PUBLIC WORKS: TWELFTH NIGHT

public works twelfth night

Central Park
Delacorte Theater
September 2-5, free tickets available day of show, 8:00
publictheater.org

In 2013, the Public Theater initiated its Public Works program, an annual free Shakespeare production at the Delacorte that would bring together the community from all five boroughs in unique ways. “Public Works seeks to engage the people of New York by making them creators and not just spectators,” the mission statement explained. “Public Works deliberately blurs the line between professional artists and community members, creating theater that is not only for the people but by and of the people as well.” This year the Public is presenting a musical adaptation of William Shakespeare’s Twelfth Night, directed by actor, playwright, and director Kwame Kwei-Armah (Elmina’s Kitchen, Let There Be Love) and featuring music and lyrics by singer-songwriter Shaina Taub (Old Hats, Natasha, Pierre & the Great Comet of 1812), with choreography by Lorin Latarro (Waitress, Queen of the Night). The cast includes Nikki M. James as Viola, Andrew Kober as Malvolio, Jose Llana as Orsino, Jacob Ming-Trent as Sir Toby Belch, and Taub as Feste, along with some two hundred men, women, and children from primary participants Brownsville Recreation Center, Casita Maria Center for Arts and Education, Center for Family Life in Sunset Park, DreamYard Project, Fortune Society, Military Resilience Project, Children’s Aid Society, and Domestic Workers United and cameos by COBU, Jambalaya Brass Band, the Love Show, New York Deaf Theatre, Ziranmen Wushu Training Center, and a United States postal carrier. Free tickets, two per person, will be available beginning at 12 noon at the Delacorte and the Public the day of the show as well as via a daily virtual ticketing lottery online.

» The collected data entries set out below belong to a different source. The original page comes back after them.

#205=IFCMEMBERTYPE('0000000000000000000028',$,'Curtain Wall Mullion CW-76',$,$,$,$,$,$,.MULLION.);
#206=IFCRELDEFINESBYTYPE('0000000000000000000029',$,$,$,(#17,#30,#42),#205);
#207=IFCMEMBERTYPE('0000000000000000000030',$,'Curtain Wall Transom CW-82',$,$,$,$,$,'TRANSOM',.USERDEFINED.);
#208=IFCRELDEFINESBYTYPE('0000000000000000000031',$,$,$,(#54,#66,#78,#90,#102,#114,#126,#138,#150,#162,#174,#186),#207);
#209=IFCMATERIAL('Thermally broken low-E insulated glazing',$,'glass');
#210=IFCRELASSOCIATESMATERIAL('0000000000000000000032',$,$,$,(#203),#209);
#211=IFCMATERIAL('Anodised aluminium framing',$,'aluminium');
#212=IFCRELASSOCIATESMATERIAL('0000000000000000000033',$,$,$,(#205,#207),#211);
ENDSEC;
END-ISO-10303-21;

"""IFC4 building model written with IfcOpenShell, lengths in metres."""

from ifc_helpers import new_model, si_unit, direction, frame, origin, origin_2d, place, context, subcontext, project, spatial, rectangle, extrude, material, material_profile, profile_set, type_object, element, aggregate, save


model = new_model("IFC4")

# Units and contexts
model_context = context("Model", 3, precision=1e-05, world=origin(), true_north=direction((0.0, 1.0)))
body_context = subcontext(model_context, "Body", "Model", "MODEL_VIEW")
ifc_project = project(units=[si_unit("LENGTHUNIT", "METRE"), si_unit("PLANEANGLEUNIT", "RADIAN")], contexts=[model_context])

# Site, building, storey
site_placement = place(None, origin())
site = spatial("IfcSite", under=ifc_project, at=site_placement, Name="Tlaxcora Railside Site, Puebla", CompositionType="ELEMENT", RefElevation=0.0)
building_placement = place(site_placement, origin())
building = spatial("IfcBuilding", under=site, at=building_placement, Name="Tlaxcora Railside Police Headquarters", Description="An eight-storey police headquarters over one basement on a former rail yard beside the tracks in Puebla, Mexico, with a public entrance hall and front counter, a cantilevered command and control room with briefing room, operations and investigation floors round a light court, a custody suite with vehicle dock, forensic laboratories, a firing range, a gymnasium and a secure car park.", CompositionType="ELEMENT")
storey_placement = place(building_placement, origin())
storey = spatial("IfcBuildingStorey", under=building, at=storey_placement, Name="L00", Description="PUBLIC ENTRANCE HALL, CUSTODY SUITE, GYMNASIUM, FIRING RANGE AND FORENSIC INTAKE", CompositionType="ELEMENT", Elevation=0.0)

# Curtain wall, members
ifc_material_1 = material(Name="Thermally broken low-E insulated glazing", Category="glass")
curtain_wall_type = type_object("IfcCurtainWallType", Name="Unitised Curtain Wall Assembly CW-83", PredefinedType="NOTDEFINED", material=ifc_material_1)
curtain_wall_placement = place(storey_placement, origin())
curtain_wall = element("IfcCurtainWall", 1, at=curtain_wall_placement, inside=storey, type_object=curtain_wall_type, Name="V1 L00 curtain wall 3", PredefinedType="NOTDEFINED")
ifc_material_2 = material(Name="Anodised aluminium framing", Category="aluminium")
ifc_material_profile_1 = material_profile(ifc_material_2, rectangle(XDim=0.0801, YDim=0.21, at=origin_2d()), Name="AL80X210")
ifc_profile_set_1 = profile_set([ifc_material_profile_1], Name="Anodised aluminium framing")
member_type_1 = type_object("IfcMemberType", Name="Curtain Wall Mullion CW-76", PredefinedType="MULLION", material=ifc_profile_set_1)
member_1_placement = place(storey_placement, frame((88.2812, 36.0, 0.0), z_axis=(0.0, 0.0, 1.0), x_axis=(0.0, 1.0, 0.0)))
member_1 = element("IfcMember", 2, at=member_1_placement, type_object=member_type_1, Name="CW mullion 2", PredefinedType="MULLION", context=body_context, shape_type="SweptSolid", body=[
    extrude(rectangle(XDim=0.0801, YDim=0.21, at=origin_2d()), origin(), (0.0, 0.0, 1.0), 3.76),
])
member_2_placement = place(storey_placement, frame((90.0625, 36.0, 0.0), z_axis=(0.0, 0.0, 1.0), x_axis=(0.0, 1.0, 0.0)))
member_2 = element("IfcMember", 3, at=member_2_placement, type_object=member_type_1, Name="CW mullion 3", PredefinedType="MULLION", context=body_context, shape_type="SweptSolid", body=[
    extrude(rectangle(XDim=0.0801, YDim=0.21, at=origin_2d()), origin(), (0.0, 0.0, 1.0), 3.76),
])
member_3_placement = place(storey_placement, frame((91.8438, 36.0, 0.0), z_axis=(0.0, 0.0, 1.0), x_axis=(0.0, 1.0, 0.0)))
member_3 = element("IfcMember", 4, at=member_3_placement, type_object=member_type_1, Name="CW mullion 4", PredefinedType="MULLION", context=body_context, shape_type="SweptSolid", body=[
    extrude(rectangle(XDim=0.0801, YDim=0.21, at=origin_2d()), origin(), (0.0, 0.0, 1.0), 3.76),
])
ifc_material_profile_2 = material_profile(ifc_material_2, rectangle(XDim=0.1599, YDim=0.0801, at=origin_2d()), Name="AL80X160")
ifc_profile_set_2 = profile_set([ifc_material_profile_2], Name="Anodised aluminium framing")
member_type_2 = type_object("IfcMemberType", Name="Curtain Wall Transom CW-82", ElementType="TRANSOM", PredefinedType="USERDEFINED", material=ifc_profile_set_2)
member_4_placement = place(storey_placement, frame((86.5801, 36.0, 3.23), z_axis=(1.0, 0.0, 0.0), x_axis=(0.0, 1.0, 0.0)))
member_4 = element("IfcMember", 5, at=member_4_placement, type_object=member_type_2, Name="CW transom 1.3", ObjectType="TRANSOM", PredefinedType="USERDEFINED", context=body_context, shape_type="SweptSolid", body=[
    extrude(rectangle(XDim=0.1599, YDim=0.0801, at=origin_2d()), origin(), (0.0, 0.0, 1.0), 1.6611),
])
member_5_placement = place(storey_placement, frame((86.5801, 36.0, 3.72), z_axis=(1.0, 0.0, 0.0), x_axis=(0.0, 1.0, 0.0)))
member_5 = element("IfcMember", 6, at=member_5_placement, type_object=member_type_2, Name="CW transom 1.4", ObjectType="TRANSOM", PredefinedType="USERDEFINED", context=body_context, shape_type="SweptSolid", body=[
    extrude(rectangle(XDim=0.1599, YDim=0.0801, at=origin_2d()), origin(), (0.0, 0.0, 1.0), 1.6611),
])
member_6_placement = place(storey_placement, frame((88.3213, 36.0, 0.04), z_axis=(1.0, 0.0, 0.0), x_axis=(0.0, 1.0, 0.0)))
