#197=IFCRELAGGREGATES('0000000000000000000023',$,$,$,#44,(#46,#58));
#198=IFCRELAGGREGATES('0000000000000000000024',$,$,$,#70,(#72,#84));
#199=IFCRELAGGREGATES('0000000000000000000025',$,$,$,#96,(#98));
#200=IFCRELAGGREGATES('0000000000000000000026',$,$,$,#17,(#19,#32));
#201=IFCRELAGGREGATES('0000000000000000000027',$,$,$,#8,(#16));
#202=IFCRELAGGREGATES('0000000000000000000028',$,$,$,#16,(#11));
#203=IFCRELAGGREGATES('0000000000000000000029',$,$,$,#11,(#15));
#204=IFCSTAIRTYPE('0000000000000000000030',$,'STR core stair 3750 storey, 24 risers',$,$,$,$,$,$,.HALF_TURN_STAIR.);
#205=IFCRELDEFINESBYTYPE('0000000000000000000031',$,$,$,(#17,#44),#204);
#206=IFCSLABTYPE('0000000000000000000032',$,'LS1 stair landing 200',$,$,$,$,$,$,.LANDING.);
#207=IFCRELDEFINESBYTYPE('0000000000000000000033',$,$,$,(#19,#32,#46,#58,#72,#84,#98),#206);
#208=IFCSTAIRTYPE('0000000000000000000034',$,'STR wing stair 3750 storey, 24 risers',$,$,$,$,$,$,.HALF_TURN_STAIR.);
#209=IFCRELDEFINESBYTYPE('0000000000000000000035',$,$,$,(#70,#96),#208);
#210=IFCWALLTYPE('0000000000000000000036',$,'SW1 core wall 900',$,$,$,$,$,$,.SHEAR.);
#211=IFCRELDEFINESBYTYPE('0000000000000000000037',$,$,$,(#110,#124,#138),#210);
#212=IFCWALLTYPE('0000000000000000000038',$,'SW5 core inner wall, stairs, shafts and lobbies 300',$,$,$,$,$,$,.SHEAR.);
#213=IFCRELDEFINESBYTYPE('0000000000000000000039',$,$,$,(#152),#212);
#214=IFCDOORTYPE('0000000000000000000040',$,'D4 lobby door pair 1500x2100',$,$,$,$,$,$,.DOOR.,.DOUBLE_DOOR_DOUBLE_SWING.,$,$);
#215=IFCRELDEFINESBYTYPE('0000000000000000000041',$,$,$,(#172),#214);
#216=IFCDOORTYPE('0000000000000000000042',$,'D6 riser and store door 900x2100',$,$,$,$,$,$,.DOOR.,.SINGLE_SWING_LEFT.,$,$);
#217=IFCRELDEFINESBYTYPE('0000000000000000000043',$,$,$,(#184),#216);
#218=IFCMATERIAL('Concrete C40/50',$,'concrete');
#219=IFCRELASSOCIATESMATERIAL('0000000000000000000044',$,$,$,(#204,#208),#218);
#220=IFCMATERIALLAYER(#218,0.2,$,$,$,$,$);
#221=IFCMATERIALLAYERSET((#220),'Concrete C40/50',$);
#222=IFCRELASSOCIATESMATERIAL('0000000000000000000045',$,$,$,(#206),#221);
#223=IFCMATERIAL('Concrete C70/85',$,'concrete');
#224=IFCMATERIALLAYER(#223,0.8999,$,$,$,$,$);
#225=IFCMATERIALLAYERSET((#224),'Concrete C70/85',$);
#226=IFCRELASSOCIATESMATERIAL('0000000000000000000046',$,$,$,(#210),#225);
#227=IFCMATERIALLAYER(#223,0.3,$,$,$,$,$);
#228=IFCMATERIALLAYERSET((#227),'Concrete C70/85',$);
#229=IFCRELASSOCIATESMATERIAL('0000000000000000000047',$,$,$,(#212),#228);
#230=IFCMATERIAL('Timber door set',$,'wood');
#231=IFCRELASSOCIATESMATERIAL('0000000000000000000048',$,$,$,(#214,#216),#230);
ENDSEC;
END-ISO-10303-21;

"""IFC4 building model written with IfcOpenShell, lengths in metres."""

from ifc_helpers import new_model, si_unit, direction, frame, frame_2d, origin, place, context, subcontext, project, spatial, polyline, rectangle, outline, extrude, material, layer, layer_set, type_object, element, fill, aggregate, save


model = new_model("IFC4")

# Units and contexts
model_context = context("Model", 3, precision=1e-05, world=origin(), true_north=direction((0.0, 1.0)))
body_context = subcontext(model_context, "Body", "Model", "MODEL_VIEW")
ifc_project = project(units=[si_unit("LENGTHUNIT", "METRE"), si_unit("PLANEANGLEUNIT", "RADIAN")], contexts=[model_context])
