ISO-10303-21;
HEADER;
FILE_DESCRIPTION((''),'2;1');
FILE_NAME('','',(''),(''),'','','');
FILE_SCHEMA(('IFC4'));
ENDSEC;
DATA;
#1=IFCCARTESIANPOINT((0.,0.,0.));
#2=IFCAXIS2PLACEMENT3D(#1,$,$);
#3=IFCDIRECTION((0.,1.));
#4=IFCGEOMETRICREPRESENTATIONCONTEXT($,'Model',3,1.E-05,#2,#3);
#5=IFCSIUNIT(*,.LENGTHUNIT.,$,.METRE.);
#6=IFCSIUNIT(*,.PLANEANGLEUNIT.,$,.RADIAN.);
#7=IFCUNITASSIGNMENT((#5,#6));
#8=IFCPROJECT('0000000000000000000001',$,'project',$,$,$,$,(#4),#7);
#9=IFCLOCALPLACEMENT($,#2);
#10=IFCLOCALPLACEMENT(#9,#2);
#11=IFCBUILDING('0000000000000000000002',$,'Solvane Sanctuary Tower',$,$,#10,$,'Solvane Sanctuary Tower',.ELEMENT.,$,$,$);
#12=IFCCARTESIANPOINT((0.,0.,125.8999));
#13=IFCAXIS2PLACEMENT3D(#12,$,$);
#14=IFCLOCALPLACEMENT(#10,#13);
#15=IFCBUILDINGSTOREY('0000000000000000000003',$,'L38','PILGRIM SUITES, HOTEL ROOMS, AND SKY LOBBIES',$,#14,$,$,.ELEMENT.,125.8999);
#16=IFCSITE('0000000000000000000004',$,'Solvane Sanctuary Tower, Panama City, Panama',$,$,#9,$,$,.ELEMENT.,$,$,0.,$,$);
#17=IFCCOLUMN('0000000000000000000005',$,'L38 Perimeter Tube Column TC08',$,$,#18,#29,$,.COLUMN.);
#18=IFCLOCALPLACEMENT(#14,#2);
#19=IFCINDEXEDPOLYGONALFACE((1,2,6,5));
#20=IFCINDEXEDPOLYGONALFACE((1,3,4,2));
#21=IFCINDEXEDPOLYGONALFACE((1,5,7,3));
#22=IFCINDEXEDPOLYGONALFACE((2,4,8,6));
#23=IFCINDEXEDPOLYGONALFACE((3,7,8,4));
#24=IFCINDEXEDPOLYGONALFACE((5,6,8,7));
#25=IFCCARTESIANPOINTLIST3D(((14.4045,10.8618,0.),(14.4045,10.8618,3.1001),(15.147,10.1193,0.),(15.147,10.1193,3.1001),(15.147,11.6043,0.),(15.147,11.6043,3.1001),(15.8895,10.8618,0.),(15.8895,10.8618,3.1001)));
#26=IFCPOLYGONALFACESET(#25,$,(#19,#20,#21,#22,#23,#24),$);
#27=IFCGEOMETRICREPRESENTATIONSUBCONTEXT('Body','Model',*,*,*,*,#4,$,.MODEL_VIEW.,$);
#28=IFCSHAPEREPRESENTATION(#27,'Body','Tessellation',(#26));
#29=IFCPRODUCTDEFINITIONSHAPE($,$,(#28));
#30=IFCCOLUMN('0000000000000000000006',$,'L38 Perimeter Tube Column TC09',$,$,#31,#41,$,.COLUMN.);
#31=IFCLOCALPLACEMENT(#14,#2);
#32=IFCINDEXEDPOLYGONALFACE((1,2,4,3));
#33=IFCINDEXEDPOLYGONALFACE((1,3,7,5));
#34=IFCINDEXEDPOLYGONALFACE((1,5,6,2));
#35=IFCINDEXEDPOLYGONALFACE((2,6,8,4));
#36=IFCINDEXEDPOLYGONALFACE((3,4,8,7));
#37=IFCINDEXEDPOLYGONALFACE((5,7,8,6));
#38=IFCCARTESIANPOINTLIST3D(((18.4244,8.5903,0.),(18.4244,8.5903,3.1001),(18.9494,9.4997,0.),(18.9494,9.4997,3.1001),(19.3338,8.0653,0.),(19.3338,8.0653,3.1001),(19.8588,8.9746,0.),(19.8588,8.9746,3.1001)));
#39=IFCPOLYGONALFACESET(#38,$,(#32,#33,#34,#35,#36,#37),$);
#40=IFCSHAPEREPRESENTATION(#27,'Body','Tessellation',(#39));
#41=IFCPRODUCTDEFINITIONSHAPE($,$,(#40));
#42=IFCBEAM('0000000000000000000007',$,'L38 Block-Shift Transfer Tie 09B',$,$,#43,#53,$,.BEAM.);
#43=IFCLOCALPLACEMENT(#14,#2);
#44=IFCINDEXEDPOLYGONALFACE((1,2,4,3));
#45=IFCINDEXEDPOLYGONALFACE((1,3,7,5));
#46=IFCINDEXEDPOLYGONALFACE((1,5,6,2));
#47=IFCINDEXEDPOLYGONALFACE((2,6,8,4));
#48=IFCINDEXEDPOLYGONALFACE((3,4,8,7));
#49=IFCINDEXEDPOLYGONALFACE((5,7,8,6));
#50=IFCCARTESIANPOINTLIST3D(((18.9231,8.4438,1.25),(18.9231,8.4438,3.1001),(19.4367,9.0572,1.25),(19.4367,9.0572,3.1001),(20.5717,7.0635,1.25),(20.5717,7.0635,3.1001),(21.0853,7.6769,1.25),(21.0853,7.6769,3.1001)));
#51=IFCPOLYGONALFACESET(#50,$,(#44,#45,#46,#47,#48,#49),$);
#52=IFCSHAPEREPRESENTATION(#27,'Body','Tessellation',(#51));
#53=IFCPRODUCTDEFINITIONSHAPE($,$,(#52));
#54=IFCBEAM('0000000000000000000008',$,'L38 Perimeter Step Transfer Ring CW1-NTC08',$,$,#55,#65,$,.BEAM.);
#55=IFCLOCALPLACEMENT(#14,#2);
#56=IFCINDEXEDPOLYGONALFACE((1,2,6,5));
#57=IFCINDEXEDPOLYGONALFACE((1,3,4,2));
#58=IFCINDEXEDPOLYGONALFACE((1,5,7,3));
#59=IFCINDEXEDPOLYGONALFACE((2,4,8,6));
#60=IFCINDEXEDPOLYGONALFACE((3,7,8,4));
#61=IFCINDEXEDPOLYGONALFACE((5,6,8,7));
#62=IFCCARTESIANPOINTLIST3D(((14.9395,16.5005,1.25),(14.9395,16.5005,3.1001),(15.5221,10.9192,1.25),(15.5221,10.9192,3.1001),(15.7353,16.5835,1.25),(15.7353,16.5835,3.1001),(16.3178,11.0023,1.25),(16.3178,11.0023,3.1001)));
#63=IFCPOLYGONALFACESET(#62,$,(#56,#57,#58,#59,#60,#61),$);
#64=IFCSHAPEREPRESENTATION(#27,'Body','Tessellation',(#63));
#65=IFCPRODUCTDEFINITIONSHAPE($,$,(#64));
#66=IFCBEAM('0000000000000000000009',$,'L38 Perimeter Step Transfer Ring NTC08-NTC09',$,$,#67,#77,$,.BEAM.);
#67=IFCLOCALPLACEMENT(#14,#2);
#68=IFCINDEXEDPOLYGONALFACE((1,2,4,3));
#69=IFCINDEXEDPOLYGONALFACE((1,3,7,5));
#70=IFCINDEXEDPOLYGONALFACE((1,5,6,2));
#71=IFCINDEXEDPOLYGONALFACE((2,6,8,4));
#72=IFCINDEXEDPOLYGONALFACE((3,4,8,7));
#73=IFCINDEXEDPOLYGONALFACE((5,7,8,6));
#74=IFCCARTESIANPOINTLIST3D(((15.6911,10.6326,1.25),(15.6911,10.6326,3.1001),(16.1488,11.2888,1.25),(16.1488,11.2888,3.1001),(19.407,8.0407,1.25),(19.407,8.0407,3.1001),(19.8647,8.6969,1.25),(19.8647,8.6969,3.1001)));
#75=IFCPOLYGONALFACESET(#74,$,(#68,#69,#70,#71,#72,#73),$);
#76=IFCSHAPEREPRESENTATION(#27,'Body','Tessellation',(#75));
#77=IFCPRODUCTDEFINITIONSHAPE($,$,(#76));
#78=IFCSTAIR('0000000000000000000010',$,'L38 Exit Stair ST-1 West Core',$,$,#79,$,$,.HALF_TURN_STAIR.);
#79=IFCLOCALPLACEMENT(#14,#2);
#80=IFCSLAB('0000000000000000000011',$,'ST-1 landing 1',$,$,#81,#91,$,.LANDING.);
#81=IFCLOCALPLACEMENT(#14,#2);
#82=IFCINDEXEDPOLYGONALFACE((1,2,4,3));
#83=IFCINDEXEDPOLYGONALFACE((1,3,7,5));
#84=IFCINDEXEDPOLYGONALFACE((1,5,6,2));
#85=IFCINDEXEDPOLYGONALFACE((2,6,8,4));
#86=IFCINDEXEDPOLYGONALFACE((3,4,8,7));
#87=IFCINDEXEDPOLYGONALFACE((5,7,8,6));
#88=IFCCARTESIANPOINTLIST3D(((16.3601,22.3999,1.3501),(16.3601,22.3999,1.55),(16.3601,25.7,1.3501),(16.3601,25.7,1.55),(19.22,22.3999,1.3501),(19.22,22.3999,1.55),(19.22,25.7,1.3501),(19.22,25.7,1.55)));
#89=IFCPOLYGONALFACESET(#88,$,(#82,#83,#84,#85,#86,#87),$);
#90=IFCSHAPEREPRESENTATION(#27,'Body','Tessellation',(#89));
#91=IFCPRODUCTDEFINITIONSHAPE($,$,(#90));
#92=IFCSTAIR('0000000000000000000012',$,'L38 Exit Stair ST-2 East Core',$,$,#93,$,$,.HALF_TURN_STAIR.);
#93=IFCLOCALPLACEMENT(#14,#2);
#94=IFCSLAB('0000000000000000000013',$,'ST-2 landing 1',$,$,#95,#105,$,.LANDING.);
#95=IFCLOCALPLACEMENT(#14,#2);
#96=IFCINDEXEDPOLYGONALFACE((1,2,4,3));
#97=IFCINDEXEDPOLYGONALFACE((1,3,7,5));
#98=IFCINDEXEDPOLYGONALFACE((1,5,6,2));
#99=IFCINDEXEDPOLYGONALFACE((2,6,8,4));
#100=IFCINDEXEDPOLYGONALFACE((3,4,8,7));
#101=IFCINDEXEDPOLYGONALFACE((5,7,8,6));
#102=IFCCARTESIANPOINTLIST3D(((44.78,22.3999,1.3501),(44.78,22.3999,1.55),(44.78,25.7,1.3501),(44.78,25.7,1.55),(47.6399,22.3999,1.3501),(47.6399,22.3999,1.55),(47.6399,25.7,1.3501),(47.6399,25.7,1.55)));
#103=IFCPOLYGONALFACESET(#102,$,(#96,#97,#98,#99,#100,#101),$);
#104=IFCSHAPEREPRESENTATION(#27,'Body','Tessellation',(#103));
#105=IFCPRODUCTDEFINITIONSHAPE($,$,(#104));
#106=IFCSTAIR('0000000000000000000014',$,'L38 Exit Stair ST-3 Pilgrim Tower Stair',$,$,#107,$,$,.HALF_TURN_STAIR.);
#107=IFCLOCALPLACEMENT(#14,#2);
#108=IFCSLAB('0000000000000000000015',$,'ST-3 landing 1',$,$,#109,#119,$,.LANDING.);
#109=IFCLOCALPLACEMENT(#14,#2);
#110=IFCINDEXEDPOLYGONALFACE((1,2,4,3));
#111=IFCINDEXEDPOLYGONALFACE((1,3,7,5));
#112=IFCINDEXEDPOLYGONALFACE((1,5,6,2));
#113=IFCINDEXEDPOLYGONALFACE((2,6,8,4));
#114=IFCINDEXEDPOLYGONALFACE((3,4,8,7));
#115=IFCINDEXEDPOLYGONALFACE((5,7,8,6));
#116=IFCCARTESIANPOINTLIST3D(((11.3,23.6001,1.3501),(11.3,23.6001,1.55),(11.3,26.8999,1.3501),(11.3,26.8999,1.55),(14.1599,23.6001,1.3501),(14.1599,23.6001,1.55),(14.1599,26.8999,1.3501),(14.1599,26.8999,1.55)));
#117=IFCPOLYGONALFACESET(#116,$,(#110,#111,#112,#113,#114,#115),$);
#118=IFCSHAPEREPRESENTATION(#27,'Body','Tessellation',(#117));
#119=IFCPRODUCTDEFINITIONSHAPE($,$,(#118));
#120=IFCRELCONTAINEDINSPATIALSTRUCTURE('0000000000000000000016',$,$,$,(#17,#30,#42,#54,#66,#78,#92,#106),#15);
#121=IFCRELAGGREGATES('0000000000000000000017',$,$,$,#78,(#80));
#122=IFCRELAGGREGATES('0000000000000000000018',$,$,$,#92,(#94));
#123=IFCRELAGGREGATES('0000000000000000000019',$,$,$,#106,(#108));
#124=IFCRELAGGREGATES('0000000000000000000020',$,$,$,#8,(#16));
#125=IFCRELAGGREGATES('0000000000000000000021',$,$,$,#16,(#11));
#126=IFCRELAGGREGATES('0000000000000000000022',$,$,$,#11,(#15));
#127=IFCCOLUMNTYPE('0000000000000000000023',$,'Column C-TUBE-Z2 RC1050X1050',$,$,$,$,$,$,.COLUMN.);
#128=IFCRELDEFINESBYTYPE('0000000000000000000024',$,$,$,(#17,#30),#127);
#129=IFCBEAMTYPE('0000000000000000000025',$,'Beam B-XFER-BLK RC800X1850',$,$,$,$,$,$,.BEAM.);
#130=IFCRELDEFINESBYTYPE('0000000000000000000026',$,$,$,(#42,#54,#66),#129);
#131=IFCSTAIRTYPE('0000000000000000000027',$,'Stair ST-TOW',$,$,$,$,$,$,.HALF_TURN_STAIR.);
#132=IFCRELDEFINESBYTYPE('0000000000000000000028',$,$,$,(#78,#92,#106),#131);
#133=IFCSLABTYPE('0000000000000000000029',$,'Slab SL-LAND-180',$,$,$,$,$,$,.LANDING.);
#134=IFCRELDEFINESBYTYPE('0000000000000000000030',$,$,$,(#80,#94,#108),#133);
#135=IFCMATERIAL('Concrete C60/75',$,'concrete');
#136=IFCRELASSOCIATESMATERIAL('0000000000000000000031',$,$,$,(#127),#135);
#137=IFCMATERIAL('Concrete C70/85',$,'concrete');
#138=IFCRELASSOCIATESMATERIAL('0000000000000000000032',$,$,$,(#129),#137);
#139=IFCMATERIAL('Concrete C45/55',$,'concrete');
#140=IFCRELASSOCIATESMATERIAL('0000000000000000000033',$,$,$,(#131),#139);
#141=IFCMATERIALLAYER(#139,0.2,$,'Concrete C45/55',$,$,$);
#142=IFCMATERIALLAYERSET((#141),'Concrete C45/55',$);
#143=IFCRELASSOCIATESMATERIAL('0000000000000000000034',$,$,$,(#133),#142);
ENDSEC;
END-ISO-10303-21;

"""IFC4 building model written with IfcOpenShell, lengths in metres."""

from ifc_helpers import new_model, si_unit, direction, frame, origin, origin_2d, place, context, subcontext, project, spatial, polyline, rectangle, outline, extrude, material, layer, layer_set, material_profile, profile_set, type_object, element, aggregate, save


model = new_model("IFC4")

# Units and contexts
model_context = context("Model", 3, precision=1e-05, world=origin(), true_north=direction((0.0, 1.0)))
body_context = subcontext(model_context, "Body", "Model", "MODEL_VIEW")
ifc_project = project(units=[si_unit("LENGTHUNIT", "METRE"), si_unit("PLANEANGLEUNIT", "RADIAN")], contexts=[model_context])

# Site, building, storey
site_placement = place(None, origin())
site = spatial("IfcSite", under=ifc_project, at=site_placement, Name="Solvane Sanctuary Tower, Panama City, Panama", CompositionType="ELEMENT", RefElevation=0.0)
building_placement = place(site_placement, origin())
building = spatial("IfcBuilding", under=site, at=building_placement, Name="Solvane Sanctuary Tower", LongName="Solvane Sanctuary Tower", CompositionType="ELEMENT")
storey_placement = place(building_placement, frame((0.0, 0.0, 125.8999)))
storey = spatial("IfcBuildingStorey", under=building, at=storey_placement, Name="L38", Description="PILGRIM SUITES, HOTEL ROOMS, AND SKY LOBBIES", CompositionType="ELEMENT", Elevation=125.8999)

GOTOPLESS PRIDE PARADE AND RALLY FOR FREEDOM

gotopless

Columbus Circle to Bryant Park
Dag Hammarskjöld Plaza
Sunday, August 28, free, 11:00 am – 3:30 pm
raelusa.org
www.gotopless.org

“Free your breasts! Free your mind!” Sunday, August 28, is GoTopless Day, in which women around the world will bare their breasts (and men will wear bikini tops) in celebration of Women’s Equality Day (August 26) and to further protest for gender equality. Parades and rallies are being held all over America; you can find the one closest to you on the BoobMap, but pay attention to local laws so you don’t end up getting fined and/or arrested. Here in New York City, it is legal for anyone and everyone to take their top off as long as the police don’t determine they’re participating in disorderly conduct (which would have to involve more than just marching in a topless parade, asserting one’s rights). People will start gathering at eleven o’clock at West Fifty-Eighth St. between Eighth and Ninth Aves., and the parade will begin at one o’clock, making its way toward Bryant Park. Then, from two to four, the GoTopless Rally for Freedom will take place at Dag Hammarskjöld Plaza at Second Ave. and Forty-Seventh St., where you can keep it off for topless pride. “As long as men are allowed to be topless in public, women should have the same constitutional right. Or else, men should have to wear something to hide their chests,” explains Maitreya Rael, the French singer-songwriter, race-car driver, and founder of gotopless.org who also leads the Raelian Movement, which believes in atheistic intelligent design, claiming that all forms of life on Earth were created by scientists from another planet. There’s no information on whether the extraterrestrial scientists, including the one Rael met in December 1973, were topless or not.